Menurut dia, ​bukankah suara-suara GMPG selama ini masih tetap berada dalam koridor kepartaian? Tidakkah aksi-aksi politik GMPG adalah semacam kegelisahan kader muda tentang suasana kepartaian yang seakan menutup mata terhadap realitas yang sedang melingkupinya? Lalu, sejak kapan kegelisahan tersebut menuai penghakiman dari elite Partai Golkar yang sama sekali tidak memberi ruang untuk bersuara dan berpendapat sebagai bagian dari mekanisme demokrasi?

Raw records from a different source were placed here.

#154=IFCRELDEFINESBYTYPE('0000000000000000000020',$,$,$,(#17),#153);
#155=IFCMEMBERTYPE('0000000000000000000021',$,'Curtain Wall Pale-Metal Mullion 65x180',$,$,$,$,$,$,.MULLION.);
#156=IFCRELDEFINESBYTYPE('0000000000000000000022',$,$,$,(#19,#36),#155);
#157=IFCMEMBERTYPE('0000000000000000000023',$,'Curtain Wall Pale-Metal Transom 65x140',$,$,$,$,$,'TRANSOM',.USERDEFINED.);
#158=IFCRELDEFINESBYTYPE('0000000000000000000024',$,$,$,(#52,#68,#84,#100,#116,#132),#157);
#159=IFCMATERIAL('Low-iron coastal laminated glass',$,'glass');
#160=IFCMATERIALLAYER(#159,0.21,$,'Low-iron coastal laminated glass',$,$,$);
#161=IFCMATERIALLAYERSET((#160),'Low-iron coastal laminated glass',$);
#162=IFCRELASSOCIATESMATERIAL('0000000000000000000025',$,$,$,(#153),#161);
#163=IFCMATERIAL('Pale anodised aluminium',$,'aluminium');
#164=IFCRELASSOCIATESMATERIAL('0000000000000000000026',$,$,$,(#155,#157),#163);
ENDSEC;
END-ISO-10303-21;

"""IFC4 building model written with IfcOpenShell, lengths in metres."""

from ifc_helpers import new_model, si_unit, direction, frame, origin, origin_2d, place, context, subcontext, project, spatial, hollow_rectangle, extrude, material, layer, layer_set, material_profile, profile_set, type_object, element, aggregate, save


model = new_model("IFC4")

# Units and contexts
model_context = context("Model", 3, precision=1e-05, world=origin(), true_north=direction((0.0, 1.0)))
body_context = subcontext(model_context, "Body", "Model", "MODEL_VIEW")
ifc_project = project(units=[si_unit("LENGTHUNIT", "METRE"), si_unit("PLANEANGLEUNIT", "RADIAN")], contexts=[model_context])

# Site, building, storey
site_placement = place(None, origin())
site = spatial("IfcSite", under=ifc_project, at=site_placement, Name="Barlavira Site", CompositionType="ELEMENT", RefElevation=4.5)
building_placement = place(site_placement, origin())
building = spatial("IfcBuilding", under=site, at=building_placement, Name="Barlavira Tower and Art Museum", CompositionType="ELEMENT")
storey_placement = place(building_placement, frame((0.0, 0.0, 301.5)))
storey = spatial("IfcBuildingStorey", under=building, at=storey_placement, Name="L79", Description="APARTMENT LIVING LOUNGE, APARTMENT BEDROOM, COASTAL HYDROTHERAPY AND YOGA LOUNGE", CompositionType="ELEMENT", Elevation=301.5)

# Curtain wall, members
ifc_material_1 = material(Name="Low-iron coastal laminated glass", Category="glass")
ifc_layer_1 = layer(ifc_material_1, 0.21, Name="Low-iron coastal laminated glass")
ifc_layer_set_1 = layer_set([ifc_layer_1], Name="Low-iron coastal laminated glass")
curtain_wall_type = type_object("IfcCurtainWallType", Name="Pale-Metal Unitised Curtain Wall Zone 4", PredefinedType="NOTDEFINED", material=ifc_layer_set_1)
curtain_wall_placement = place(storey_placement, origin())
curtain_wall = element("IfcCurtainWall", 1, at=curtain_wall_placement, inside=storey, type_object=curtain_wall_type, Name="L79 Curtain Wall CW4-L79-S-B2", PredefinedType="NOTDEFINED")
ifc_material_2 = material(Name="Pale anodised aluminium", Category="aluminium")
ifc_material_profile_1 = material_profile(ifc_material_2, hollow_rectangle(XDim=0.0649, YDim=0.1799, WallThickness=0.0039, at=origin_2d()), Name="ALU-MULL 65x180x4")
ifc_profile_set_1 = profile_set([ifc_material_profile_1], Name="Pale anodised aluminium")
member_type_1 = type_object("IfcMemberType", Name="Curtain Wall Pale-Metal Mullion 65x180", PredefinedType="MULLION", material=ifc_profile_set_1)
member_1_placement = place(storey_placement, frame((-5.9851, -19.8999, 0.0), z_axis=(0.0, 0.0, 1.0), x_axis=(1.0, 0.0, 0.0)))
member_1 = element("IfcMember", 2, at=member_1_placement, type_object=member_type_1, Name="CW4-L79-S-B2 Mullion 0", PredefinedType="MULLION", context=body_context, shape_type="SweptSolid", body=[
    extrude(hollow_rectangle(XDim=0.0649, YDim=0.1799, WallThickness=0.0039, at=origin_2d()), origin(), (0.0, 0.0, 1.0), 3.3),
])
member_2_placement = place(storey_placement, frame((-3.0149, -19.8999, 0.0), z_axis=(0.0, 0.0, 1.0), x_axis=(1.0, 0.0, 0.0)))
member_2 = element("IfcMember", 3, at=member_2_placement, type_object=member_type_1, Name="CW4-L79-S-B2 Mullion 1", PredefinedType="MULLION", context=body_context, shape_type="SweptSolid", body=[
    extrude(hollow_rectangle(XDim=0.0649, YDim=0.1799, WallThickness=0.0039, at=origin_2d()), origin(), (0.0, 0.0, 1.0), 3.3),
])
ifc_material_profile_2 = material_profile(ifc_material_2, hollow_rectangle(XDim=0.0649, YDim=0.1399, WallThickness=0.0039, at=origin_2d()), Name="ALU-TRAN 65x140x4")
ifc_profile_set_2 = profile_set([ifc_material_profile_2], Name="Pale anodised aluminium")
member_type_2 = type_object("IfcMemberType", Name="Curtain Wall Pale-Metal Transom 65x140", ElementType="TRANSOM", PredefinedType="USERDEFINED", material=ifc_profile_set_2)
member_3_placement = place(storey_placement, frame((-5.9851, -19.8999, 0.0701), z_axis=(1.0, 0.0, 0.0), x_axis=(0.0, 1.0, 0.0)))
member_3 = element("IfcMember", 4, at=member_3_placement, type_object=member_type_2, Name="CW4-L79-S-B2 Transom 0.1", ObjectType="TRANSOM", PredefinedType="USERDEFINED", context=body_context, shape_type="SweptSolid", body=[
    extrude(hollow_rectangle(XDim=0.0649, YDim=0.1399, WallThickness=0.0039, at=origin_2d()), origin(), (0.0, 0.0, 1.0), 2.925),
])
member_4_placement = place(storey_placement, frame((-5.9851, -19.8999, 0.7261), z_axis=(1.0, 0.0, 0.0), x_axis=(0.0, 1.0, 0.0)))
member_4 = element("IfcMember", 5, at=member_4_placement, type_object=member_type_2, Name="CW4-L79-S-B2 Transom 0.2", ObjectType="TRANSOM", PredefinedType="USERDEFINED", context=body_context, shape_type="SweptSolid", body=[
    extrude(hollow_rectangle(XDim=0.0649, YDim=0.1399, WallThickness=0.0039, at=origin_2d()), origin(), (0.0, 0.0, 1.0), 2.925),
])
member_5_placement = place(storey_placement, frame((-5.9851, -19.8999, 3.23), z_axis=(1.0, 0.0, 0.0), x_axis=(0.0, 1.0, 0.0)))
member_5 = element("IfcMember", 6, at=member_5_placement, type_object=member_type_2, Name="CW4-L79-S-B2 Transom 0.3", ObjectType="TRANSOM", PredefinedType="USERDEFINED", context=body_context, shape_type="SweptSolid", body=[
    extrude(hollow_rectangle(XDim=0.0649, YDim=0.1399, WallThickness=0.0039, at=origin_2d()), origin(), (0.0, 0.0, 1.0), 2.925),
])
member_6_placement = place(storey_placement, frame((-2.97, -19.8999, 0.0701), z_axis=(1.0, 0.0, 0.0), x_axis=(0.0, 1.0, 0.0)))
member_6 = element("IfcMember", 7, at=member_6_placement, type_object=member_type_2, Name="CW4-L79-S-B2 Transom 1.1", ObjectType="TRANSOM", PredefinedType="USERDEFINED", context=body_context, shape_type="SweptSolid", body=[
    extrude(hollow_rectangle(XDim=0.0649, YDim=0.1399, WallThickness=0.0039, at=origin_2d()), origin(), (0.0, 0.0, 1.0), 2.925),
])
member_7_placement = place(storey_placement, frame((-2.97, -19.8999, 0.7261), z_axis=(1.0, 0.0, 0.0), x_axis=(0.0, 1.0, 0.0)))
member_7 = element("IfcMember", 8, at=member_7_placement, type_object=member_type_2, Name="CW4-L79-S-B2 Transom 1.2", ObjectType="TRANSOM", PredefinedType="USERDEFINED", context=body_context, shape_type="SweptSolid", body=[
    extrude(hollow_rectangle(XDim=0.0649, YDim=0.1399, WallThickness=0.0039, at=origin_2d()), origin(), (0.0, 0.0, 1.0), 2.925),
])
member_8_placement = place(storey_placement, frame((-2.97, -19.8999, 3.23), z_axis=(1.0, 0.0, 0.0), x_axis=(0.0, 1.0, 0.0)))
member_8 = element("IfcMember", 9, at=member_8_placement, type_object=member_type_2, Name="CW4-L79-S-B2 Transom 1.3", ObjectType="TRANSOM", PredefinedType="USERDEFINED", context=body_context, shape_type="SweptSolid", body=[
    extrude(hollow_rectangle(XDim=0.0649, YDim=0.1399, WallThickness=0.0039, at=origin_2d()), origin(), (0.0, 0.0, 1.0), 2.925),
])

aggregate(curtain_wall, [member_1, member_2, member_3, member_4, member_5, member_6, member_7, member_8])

​”Sebagai Pengurus DPP Partai Golkar, saya pun bertanya-tanya, atas dasar apa pemecatan tersebut dikeluarkan menjadi kebijakan DPP Partai Golkar. Bukankah Golkar punya mekanisme yang panjang dalam proses pengambilan keputusan, apalagi terkait penghilangan hak sebagai Anggota Partai?,” ujarnya.

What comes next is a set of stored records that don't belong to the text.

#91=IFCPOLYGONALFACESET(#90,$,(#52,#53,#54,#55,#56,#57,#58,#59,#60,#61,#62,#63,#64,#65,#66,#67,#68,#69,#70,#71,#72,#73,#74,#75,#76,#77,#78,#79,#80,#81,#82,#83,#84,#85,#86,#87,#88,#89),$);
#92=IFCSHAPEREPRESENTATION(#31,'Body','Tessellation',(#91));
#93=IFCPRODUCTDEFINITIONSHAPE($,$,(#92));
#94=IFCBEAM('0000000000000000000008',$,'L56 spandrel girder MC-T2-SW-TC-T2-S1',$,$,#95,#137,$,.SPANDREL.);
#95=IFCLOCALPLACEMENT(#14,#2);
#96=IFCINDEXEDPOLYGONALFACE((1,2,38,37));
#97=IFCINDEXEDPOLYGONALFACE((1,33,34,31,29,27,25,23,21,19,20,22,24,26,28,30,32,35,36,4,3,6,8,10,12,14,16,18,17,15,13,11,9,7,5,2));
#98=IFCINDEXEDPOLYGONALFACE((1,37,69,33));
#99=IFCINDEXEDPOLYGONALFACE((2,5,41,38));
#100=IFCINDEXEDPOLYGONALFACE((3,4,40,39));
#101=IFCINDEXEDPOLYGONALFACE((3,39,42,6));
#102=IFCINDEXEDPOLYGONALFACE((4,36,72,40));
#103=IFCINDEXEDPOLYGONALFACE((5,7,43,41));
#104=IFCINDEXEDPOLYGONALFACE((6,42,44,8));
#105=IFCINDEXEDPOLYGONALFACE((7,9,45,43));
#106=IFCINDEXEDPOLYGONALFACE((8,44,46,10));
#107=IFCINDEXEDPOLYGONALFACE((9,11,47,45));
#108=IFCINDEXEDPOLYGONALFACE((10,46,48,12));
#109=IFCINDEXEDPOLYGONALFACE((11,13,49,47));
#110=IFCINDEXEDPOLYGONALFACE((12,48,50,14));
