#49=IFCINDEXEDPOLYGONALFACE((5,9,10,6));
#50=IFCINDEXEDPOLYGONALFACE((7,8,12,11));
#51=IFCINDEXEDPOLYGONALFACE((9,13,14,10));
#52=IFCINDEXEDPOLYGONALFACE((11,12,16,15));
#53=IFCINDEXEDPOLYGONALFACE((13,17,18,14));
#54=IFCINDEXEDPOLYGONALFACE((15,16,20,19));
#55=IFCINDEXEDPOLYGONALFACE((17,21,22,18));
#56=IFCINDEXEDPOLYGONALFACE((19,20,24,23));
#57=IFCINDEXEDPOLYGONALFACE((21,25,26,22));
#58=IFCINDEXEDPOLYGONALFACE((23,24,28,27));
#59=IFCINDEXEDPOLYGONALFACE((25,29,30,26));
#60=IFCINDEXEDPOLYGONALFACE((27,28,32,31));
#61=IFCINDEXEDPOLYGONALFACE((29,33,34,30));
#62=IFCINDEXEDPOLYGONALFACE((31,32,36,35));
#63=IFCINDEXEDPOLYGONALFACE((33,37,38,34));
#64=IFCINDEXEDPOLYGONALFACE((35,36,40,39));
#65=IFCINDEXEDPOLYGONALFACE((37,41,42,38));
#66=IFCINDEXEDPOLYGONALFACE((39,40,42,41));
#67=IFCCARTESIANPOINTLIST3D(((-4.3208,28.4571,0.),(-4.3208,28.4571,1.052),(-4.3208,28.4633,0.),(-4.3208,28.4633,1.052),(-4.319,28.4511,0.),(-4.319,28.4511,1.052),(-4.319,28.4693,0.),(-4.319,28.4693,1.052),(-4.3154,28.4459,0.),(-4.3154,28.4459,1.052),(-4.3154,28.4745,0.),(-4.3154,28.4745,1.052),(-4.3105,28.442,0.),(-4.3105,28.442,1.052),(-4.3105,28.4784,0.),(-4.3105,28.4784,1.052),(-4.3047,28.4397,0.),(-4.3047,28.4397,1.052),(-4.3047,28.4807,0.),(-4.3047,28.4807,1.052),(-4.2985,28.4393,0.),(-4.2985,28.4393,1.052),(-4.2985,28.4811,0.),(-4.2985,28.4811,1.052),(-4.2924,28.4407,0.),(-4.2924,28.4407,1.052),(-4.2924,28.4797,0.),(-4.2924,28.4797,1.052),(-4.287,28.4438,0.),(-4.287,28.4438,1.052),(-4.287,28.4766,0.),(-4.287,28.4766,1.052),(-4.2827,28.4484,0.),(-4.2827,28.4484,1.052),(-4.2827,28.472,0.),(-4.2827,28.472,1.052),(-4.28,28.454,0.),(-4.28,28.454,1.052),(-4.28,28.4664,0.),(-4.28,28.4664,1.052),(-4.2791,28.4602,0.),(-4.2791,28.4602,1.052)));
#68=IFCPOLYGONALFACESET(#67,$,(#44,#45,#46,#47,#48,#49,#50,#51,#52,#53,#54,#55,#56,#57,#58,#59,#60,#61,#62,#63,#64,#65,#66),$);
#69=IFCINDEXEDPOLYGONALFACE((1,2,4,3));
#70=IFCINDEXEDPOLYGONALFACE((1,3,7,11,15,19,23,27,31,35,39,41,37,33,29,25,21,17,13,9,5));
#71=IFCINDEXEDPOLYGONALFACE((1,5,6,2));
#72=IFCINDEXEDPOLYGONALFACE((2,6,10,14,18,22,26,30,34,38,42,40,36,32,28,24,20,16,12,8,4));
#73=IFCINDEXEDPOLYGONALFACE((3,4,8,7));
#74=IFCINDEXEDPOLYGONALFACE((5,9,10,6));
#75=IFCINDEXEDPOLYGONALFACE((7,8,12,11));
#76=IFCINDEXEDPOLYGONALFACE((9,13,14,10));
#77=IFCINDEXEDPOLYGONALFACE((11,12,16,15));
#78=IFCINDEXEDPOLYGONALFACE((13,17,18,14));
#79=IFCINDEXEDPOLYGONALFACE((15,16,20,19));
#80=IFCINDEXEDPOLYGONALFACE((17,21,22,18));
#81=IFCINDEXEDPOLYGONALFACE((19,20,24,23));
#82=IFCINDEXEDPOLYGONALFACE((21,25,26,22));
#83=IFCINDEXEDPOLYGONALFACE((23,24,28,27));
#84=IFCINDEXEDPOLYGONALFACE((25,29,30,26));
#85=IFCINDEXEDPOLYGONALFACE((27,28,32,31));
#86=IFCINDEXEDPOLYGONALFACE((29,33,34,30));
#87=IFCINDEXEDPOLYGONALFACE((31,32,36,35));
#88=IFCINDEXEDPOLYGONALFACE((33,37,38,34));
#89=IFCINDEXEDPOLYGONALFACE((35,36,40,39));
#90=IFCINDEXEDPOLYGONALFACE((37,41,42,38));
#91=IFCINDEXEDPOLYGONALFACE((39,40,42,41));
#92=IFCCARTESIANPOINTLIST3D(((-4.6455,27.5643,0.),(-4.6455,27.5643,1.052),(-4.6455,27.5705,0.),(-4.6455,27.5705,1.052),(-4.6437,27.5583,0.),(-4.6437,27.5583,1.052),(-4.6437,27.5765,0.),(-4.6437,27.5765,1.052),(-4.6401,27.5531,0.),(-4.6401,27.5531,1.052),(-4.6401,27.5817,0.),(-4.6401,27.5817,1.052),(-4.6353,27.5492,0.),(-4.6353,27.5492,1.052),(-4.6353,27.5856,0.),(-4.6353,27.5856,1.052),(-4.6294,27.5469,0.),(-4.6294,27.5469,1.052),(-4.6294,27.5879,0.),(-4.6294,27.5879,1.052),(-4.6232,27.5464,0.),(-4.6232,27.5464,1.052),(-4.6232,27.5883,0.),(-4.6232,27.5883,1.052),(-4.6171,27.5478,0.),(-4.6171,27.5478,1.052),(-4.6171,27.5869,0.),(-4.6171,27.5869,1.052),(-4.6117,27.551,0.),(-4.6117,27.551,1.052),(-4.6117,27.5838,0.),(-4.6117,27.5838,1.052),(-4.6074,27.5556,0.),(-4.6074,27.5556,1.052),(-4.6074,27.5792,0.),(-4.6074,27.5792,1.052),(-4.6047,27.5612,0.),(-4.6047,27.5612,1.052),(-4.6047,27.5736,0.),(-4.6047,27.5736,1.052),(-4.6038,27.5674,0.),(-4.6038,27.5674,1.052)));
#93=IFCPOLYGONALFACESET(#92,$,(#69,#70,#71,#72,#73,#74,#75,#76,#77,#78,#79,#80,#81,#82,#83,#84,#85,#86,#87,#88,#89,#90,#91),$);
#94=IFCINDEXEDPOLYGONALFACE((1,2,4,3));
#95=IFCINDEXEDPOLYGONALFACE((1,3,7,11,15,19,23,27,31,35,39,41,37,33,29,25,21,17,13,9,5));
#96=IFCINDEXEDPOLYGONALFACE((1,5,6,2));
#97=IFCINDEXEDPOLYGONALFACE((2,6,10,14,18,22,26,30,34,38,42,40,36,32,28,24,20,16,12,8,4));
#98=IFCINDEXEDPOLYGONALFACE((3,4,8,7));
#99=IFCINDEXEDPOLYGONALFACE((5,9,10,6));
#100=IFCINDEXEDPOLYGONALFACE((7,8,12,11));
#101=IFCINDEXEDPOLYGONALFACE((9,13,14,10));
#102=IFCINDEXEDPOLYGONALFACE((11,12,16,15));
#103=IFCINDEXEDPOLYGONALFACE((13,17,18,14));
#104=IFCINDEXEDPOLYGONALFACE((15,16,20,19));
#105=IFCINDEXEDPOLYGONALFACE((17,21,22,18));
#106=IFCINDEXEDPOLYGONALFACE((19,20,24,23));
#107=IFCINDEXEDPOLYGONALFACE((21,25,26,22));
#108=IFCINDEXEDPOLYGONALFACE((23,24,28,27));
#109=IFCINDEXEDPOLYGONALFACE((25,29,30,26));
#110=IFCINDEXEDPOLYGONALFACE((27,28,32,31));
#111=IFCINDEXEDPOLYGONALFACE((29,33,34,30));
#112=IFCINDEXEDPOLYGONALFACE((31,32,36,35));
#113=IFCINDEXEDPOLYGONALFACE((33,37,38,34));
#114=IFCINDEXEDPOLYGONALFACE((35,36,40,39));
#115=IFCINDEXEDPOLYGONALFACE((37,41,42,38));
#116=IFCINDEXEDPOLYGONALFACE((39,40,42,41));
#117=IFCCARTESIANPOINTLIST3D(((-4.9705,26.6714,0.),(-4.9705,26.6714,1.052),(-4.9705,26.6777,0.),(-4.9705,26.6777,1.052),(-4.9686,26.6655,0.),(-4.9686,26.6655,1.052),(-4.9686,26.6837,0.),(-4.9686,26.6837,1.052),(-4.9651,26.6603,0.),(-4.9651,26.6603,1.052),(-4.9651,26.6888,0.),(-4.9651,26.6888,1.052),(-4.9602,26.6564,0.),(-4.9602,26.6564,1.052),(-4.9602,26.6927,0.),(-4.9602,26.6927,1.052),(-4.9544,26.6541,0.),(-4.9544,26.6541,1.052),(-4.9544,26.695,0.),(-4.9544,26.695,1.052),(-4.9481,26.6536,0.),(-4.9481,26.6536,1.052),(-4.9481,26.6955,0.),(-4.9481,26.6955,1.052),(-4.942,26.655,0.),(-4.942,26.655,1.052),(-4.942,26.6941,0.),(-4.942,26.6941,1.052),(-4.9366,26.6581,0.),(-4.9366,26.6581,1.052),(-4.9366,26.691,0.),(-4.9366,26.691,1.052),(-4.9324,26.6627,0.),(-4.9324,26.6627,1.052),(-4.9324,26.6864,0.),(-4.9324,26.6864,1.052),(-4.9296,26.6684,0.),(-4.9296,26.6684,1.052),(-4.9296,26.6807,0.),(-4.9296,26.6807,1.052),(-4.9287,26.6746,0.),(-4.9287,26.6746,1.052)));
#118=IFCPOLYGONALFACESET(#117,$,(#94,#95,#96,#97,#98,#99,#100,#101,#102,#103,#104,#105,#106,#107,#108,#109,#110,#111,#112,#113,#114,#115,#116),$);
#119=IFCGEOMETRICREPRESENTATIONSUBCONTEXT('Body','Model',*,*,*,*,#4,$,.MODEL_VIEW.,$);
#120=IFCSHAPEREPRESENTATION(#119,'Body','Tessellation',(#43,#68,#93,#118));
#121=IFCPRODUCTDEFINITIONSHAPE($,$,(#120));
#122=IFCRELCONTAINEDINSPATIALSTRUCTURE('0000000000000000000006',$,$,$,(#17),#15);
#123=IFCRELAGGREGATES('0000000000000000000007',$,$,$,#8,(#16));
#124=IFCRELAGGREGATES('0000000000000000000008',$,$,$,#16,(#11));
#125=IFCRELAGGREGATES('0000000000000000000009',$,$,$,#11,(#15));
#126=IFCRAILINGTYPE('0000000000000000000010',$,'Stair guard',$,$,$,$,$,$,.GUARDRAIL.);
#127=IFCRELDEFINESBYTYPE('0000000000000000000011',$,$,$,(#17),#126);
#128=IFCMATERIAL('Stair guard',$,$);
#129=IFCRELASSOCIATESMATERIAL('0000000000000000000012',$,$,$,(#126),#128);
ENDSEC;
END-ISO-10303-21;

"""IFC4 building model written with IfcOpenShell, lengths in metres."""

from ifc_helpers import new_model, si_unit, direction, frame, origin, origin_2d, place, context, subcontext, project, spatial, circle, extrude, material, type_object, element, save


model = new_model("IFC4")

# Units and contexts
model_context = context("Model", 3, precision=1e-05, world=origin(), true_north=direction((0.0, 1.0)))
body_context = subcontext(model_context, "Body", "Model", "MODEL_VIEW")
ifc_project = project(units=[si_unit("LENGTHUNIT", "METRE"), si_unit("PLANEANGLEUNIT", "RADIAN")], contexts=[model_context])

​Merujuk pada Peraturan Organisasi DPP Golkar lanjutnya, mekanisme pengambilan keputusan terkait pelanggaran disiplin organisasi harus melalui Rapat Khusus yang melibatkan Koordinator Bidang Kepartaian, Bidang Polhukam, Dewan Pembina, Dewan Pertimbangan dan Dewan Penasihat.
“Tidak hanya itu, sesuai amanat Pasal 3, potensi pelanggaran berat yang melahirkan sanksi pemecatan sejatinya dilakukan melalui investigasi khusus yang melibatkan unsur-unsur di atas, bukan berdasarkan subjektivitas semata,” imbuhnya.
Selain itu, Yorrys mengingatkan bahwa ​Munaslub Partai Golkar yang digelar pada 2016 lalu telah melahirkan nahkoda baru. Arah politik partai tertua di negeri itu pun kembali kepada garis perjuangan dan jati dirinya, yakni mendukung pemerintahan Joko Widodo dan Jusuf Kalla sebagai pemerintahan yang sah dan dipilih sesuai mekanisme yang demokratis.
Bahkan kata Yorrys, ​sejumlah kesepakatan politik pun diputuskan bersama melalui Munaslub tersebut. Termasuk komitmen Golkar dalam upaya pemberantasan korupsi dan narkoba. Partai Golkar memandang komitmen tersebut sebagai syarat utama yang akan menjamin terwujudnya Visi 2045 Partai Golkar.
“Karena itu, sejak awal saya memprediksi kebangkitan Partai Golkar yang sudah berada di depan mata. Apalagi, dampak konflik yang memanas pada tahun-tahun sebelumnya sempat membuat partai ini terkoyak dan tercabik hingga melahirkan friksi,” ujarnya.
Kini Golkar kembali dirundung masalah terkait ketua umumnya Setya Novanto, yang juga sebagai simbol partai, terlibat skandal E-KTP dengan status tersangka. Sejumlah pengurus teras kata Yorrys, juga mengalami hal serupa. Setelah Walikota Tegal, Sita Masitha, sebelumnya, KPK telah menahan Fahd A Arafiq, Markus Nari serta Ridwan Mukti.
“Sulit untuk memungkiri, kenyataan ini begitu getir untuk dirasakan oleh seluruh komponen kepartaian. Sebagai partai pendukung pemerintah dan telah mencalonkan Joko Widodo sebagai Presiden pada Pilpres 2019, seharusnya seluruh anasir kepartaian berjalan beriringan dengan komitmen pemerintah dan mengidentifikasi dirinya sebagaimana karakter kepemimpinan Joko Widodo itu sendiri,” katanya.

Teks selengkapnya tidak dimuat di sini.